David compared this against the obvious alternatives. S3 sync copies the full object unless you build differential logic on top. Rsync does delta sync but it is not snapshot-aware and does not integrate with the memory model the way Btrfs does. Container layers get you deduplication but not the send/receive replication pattern. The one-to-many replication case is where Btrfs really separates: a single source volume can replicate to multiple agent targets simultaneously.

Why not containers, specifically? The talk addresses this directly. Containers were designed for stateless workloads where the container is destroyed and rebuilt. That pattern works well for services. It works poorly for agents that accumulate context over time and need that context to persist across restarts. The container lifecycle fights the agent lifecycle. This architecture aligns them.

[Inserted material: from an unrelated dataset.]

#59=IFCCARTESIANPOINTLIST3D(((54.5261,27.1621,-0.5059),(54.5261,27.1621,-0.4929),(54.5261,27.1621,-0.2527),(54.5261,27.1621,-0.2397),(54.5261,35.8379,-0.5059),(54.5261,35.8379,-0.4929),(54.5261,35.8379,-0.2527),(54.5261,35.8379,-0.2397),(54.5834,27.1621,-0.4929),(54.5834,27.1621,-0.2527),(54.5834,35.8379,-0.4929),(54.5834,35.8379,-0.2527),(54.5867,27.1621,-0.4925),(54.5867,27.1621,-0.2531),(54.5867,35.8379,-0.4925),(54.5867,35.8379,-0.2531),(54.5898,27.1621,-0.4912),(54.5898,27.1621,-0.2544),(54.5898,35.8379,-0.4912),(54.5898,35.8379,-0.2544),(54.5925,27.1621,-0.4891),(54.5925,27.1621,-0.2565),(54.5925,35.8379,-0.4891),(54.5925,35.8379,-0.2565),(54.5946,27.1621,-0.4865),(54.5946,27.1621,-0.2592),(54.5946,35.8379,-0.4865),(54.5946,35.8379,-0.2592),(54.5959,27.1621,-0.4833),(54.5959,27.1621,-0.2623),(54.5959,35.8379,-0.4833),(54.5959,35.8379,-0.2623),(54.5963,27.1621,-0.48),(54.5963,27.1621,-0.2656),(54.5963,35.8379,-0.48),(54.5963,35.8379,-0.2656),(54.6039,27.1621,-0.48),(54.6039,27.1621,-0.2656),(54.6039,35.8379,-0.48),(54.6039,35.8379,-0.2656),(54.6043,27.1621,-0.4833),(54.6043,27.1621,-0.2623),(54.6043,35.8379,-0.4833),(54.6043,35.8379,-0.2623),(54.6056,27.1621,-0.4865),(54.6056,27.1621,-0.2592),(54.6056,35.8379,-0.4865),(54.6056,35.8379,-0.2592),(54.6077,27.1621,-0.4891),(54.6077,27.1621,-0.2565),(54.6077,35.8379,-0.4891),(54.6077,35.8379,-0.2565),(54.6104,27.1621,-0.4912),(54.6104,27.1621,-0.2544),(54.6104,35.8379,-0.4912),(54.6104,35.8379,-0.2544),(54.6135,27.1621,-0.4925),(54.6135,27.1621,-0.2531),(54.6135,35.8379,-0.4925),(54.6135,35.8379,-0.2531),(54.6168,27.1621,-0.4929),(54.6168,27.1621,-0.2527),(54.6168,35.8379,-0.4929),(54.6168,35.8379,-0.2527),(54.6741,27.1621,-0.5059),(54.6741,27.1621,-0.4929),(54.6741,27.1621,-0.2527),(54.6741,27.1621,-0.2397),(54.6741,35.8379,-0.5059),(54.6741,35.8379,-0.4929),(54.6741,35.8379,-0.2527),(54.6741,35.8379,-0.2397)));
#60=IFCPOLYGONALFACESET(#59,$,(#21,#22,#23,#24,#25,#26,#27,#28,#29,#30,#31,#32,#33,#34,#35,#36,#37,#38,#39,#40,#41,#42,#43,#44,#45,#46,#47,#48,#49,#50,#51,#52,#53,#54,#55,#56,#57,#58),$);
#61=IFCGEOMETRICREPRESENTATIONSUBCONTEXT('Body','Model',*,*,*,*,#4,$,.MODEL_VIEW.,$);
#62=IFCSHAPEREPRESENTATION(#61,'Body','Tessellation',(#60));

The working example is on GitHub at github.com/davdunc/btrfs-replication-test, using Fedora as the OS. The repository includes deploy scripts for EC2 (two Fedora 43 instances with Btrfs volumes) and scripts to test full and incremental sends over SSH.

I have been running agents in containers out of habit. This talk gave me a reason to think about that more carefully. The service account model maps cleanly to the Unix mental model I already have. The Btrfs integration handles the persistence and replication concerns without a separate tool. For local homelab AI workloads, this is worth experimenting with.